Commonly known in New Zealand and Australia as the choko, the original name was ‘chayote’ (Sechium edule). The word being a Spanish
derivative of the Nahuatl word chayohtli. This veg/fruit is also known in different parts of the world as christophene or christophine, mirliton or
merleton (Creole/Cajun), cho-cho, pear squash, vegetable pear and chouchoute.
As with other members of the gourd family, the choko plant has a sprawling habit, so it should only be planted in a garden where there is plenty
of room. Grow plants on chicken wire, or strung against a fence for support.

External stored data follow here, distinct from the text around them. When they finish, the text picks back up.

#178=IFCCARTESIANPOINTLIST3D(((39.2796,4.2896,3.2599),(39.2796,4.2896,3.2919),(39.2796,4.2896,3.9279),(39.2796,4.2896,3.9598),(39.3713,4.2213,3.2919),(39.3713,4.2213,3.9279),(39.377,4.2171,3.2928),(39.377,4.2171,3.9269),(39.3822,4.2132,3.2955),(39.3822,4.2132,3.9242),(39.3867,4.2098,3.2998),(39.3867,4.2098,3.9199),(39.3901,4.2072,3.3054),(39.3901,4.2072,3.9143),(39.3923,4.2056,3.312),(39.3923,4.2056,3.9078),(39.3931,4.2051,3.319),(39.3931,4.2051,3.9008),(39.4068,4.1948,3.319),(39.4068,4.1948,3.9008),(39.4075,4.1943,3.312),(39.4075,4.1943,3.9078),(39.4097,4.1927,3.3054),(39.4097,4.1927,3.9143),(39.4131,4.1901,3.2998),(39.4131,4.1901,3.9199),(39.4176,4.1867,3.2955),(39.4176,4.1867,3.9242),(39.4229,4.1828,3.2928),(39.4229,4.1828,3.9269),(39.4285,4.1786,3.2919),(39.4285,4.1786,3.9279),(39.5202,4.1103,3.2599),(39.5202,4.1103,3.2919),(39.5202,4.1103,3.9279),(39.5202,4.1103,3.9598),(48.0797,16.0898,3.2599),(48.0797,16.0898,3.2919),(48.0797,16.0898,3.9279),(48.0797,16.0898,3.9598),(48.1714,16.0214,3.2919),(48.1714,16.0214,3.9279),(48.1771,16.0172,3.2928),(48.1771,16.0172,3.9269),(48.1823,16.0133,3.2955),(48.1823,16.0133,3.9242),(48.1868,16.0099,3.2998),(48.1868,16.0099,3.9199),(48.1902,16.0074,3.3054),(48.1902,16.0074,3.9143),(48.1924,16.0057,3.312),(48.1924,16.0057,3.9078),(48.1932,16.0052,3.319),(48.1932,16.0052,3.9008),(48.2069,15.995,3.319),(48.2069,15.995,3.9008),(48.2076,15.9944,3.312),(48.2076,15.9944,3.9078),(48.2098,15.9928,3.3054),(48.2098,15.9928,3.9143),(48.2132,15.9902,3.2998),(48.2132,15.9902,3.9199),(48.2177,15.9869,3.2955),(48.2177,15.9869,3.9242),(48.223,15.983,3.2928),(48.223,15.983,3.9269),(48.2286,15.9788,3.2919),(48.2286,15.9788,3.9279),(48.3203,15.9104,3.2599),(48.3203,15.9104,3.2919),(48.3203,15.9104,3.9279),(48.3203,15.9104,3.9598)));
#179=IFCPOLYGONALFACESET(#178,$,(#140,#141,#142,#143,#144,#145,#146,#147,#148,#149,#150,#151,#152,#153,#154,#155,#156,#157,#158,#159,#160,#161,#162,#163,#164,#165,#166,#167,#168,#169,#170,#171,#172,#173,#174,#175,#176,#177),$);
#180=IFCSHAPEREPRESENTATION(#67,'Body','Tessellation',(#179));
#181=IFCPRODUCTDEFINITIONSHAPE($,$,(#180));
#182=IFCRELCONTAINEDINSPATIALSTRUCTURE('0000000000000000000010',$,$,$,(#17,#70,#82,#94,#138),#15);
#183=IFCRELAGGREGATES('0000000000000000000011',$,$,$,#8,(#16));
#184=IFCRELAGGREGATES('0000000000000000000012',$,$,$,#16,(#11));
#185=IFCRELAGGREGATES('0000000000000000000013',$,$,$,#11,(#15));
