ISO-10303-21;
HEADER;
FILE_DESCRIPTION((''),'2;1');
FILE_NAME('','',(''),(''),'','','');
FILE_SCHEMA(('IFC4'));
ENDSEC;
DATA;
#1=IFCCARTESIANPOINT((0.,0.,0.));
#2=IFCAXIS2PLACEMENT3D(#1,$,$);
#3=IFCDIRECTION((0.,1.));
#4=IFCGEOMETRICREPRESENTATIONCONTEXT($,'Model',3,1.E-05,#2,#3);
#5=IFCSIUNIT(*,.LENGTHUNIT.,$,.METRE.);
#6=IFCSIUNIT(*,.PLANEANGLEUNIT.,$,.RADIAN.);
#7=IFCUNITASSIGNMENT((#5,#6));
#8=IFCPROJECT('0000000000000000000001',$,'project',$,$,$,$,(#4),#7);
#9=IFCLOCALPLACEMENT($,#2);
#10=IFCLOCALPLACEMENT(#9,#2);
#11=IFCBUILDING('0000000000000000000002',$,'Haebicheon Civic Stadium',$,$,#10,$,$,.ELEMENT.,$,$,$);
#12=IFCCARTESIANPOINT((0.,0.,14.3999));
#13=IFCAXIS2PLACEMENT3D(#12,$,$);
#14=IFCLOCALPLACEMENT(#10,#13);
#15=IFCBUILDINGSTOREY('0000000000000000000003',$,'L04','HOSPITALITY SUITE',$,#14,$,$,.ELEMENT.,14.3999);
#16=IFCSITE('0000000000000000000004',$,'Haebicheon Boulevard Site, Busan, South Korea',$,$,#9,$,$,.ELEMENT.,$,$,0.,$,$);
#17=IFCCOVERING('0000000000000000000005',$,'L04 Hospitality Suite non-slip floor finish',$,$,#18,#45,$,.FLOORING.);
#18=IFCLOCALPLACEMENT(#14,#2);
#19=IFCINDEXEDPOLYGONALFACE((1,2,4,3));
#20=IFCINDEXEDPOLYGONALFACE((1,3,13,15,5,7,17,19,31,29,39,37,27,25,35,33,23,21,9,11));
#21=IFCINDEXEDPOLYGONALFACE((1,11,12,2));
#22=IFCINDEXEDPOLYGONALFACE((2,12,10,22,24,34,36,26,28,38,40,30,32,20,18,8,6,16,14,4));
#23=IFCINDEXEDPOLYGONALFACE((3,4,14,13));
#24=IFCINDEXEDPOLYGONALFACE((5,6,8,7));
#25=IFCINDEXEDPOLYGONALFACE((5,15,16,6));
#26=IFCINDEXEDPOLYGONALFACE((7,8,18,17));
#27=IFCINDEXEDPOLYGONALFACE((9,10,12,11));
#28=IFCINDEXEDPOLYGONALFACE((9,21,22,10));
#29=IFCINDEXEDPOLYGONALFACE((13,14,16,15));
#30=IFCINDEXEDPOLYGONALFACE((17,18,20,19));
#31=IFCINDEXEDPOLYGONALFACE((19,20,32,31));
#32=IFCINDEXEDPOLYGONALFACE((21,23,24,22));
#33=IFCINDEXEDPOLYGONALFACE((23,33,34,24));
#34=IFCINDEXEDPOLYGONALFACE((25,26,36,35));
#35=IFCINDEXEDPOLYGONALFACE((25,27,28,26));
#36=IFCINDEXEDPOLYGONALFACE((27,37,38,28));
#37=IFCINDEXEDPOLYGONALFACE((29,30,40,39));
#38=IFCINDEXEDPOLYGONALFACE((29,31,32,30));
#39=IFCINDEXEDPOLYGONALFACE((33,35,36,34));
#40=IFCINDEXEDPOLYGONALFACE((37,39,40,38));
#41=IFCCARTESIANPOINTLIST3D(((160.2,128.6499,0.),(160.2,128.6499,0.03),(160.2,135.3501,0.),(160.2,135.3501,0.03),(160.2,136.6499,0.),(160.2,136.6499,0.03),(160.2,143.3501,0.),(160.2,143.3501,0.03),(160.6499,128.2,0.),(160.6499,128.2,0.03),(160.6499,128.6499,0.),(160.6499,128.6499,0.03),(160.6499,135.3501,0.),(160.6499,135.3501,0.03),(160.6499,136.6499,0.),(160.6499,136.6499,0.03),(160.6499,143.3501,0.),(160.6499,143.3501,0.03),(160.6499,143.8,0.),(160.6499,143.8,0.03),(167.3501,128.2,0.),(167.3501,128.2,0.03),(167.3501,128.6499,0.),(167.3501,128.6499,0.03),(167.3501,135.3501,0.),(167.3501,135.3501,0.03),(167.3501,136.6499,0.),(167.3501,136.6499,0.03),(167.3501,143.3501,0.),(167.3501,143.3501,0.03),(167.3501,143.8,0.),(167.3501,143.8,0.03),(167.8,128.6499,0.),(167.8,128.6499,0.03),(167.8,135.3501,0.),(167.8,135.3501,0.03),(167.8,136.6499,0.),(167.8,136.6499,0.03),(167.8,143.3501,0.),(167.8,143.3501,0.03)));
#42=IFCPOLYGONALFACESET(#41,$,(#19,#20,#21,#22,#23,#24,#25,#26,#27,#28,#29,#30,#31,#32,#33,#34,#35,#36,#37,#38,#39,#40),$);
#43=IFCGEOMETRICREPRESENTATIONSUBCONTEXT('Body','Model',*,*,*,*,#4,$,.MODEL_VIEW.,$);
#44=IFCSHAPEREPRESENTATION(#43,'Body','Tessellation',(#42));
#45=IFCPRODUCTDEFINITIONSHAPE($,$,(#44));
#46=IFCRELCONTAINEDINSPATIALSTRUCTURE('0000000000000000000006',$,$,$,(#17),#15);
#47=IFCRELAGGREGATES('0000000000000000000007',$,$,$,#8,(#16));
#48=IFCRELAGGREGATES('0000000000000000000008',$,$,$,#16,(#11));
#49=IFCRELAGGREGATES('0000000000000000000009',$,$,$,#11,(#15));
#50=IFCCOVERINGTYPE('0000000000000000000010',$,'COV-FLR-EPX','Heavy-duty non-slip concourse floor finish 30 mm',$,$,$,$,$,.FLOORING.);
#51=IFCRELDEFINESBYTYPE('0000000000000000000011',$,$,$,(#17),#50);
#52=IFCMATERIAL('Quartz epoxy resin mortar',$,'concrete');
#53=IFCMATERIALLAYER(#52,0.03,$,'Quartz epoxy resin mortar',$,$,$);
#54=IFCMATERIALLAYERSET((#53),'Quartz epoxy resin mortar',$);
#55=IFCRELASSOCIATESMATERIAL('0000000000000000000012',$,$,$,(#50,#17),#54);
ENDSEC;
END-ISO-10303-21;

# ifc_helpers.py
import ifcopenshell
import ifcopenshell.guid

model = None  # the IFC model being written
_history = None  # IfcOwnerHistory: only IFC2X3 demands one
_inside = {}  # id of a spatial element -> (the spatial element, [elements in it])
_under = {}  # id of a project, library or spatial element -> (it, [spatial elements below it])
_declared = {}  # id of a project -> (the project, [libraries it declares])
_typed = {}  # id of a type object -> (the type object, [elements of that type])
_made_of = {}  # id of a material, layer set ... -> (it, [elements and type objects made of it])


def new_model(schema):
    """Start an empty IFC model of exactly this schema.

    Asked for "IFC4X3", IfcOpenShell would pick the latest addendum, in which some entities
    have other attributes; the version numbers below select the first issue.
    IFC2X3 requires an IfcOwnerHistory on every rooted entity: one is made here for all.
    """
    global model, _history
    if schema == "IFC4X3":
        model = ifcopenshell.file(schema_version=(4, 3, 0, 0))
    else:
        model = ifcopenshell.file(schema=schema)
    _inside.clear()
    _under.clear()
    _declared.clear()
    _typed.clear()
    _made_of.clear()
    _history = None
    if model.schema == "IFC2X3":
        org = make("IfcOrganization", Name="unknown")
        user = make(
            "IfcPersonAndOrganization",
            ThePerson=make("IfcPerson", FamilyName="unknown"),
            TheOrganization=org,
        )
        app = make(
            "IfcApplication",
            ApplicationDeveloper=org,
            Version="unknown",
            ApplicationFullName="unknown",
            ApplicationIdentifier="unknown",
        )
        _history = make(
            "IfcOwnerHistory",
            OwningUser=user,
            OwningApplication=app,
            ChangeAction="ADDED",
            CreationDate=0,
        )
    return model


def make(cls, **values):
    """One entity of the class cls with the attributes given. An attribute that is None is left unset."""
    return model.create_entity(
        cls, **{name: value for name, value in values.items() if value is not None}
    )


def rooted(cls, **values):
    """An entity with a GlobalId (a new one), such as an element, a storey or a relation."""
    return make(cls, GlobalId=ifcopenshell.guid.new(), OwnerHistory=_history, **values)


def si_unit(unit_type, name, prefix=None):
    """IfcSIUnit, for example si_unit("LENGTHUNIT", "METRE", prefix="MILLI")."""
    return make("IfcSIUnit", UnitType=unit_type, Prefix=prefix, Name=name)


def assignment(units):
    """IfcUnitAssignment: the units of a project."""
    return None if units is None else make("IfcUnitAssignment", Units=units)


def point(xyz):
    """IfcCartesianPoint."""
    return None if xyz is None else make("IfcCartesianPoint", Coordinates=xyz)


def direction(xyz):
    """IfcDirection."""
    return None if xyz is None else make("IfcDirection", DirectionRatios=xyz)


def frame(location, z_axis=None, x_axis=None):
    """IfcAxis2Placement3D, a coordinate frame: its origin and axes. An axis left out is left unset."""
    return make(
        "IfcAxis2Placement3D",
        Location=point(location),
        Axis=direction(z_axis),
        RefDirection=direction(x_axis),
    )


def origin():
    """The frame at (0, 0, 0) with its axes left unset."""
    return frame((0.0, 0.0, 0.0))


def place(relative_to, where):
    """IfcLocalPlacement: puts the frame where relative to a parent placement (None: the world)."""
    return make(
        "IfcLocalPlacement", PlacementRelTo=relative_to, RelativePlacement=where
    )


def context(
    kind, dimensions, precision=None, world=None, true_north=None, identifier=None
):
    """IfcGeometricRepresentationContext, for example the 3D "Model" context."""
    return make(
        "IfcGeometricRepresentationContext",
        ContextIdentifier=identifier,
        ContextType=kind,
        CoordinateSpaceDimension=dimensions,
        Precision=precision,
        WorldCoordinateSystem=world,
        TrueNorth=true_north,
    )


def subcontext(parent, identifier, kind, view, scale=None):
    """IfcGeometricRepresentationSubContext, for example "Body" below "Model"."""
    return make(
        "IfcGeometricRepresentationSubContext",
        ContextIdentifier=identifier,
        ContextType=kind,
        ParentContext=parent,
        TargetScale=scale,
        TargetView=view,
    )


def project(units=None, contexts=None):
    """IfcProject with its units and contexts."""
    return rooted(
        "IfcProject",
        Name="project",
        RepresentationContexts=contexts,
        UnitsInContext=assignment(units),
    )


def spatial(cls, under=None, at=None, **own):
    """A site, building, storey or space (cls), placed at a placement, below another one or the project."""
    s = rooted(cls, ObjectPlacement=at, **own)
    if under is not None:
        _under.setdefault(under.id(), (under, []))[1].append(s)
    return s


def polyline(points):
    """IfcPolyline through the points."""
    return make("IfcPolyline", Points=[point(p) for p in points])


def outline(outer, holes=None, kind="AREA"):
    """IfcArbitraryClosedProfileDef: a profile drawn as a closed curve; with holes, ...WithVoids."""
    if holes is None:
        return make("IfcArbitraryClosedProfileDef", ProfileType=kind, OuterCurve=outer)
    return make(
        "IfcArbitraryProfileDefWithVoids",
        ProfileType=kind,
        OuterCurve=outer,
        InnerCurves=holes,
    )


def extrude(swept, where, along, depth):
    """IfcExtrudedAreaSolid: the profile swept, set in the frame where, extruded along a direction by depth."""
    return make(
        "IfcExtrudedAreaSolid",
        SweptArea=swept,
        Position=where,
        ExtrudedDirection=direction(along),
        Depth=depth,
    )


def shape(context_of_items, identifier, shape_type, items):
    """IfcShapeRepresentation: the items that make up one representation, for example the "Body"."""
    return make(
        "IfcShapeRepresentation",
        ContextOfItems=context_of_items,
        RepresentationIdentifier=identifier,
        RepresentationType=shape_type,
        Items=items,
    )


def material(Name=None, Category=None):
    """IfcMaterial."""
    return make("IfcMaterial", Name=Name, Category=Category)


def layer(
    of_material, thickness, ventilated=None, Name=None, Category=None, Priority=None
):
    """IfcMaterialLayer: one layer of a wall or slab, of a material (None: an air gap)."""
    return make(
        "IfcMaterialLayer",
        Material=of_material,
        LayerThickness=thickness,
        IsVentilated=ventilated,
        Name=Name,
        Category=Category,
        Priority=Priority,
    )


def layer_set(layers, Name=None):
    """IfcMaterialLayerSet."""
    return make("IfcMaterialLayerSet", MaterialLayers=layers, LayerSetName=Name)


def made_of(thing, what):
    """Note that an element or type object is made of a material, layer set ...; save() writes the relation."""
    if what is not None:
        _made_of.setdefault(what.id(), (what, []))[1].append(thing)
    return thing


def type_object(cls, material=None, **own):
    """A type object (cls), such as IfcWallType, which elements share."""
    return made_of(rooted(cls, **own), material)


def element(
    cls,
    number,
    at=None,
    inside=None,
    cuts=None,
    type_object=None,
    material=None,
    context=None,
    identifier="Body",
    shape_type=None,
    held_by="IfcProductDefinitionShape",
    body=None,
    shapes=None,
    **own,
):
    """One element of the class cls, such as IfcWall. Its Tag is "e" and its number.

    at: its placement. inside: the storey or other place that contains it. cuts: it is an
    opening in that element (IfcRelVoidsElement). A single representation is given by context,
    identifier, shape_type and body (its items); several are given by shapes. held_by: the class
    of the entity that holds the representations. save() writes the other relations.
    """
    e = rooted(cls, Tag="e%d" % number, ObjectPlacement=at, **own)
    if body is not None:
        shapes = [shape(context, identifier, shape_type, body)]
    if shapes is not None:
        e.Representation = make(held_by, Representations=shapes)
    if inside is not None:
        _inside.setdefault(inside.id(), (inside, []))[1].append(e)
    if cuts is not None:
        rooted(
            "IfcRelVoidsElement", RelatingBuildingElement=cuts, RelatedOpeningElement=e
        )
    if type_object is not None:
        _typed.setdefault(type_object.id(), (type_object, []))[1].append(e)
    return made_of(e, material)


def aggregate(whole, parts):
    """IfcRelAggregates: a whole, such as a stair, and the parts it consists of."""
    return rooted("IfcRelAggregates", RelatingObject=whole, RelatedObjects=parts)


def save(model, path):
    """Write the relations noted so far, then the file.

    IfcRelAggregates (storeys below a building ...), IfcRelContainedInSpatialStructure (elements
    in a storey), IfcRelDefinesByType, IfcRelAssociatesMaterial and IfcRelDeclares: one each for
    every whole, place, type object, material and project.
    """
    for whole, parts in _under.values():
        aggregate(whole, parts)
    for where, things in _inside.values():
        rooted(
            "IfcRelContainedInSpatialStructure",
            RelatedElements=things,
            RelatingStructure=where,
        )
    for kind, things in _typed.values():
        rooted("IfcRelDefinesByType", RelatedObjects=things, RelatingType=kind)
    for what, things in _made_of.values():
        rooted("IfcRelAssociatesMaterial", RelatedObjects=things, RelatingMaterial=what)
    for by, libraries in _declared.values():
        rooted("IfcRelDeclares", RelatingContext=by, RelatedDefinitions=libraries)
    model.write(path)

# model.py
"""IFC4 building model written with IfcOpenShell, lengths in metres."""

from ifc_helpers import new_model, si_unit, direction, frame, origin, place, context, subcontext, project, spatial, polyline, outline, extrude, material, layer, layer_set, type_object, element, save


model = new_model("IFC4")

# Units and contexts
model_context = context("Model", 3, precision=1e-05, world=origin(), true_north=direction((0.0, 1.0)))
body_context = subcontext(model_context, "Body", "Model", "MODEL_VIEW")
ifc_project = project(units=[si_unit("LENGTHUNIT", "METRE"), si_unit("PLANEANGLEUNIT", "RADIAN")], contexts=[model_context])

# Site, building, storey
site_placement = place(None, origin())
site = spatial("IfcSite", under=ifc_project, at=site_placement, Name="Haebicheon Boulevard Site, Busan, South Korea", CompositionType="ELEMENT", RefElevation=0.0)
building_placement = place(site_placement, origin())
building = spatial("IfcBuilding", under=site, at=building_placement, Name="Haebicheon Civic Stadium", CompositionType="ELEMENT")
storey_placement = place(building_placement, frame((0.0, 0.0, 14.3999)))
storey = spatial("IfcBuildingStorey", under=building, at=storey_placement, Name="L04", Description="HOSPITALITY SUITE", CompositionType="ELEMENT", Elevation=14.3999)

# Covering
ifc_material_1 = material(Name="Quartz epoxy resin mortar", Category="concrete")
ifc_layer_1 = layer(ifc_material_1, 0.03, Name="Quartz epoxy resin mortar")
ifc_layer_set_1 = layer_set([ifc_layer_1], Name="Quartz epoxy resin mortar")
covering_type_1 = type_object("IfcCoveringType", Name="COV-FLR-EPX", Description="Heavy-duty non-slip concourse floor finish 30 mm", PredefinedType="FLOORING", material=ifc_layer_set_1)
covering_1_placement = place(storey_placement, origin())
element("IfcCovering", 1, at=covering_1_placement, inside=storey, type_object=covering_type_1, material=ifc_layer_set_1, Name="L04 Hospitality Suite non-slip floor finish", PredefinedType="FLOORING", context=body_context, shape_type="SweptSolid", body=[
    extrude(outline(polyline([(160.6499, 128.2), (160.6499, 128.6499), (160.2, 128.6499), (160.2, 135.3501), (160.6499, 135.3501), (160.6499, 136.6499), (160.2, 136.6499), (160.2, 143.3501), (160.6499, 143.3501), (160.6499, 143.8), (167.3501, 143.8), (167.3501, 143.3501), (167.8, 143.3501), (167.8, 136.6499), (167.3501, 136.6499), (167.3501, 135.3501), (167.8, 135.3501), (167.8, 128.6499), (167.3501, 128.6499), (167.3501, 128.2), (160.6499, 128.2)])), origin(), (0.0, 0.0, 1.0), 0.03),
])

save(model, "model.ifc")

Because the roots are susceptible to rot, chokos require good, free-draining soil. They can be hard to grow, but do well in the right conditions
and with a little care. They don't like wet feet so, be very careful with watering!
When cooked, chokos should be treated like squash, lightly cooked to retain their crisp flavour. Served with other vegetables or fruit, chokos
tend to absorb the flavours of their companions. Some people describe them as bland and as a result they are commonly served with
seasonings such as salt, butter and pepper. Chokos can be boiled, stuffed (like marrows), mashed, baked, fried, or pickled in sauce.
However, the fruit does not need to be cooked or peeled, and is often marinated with lemon or lime juice then added raw to salads or salsas.
Fresh, green fruit are firm without brown spots or signs of sprouting. Smaller chokos are the most tender.
It is also interesting to note that the root, stem, seeds and leaves of the choko plant are also edible. The tubers of the plant can be prepared in
the same way as yams, potatoes or kumaras. The shoots and leaves are often used in salads and stir fries – a method popular in Asia.
Whether raw or cooked, chokos are a good source of amino acids and vitamin C. Both the leaves and fruit have diuretic, cardiovascular and
anti-inflammatory properties, and a tea made from the leaves has been used in the treatment of arteriosclerosis and hypertension, and to
dissolve kidney stones.
I plan to plant my two chokos in 45 litre containers and keep them in the glasshouse over winter before moving them to a sunny wall with
support in the spring, after frosts have past.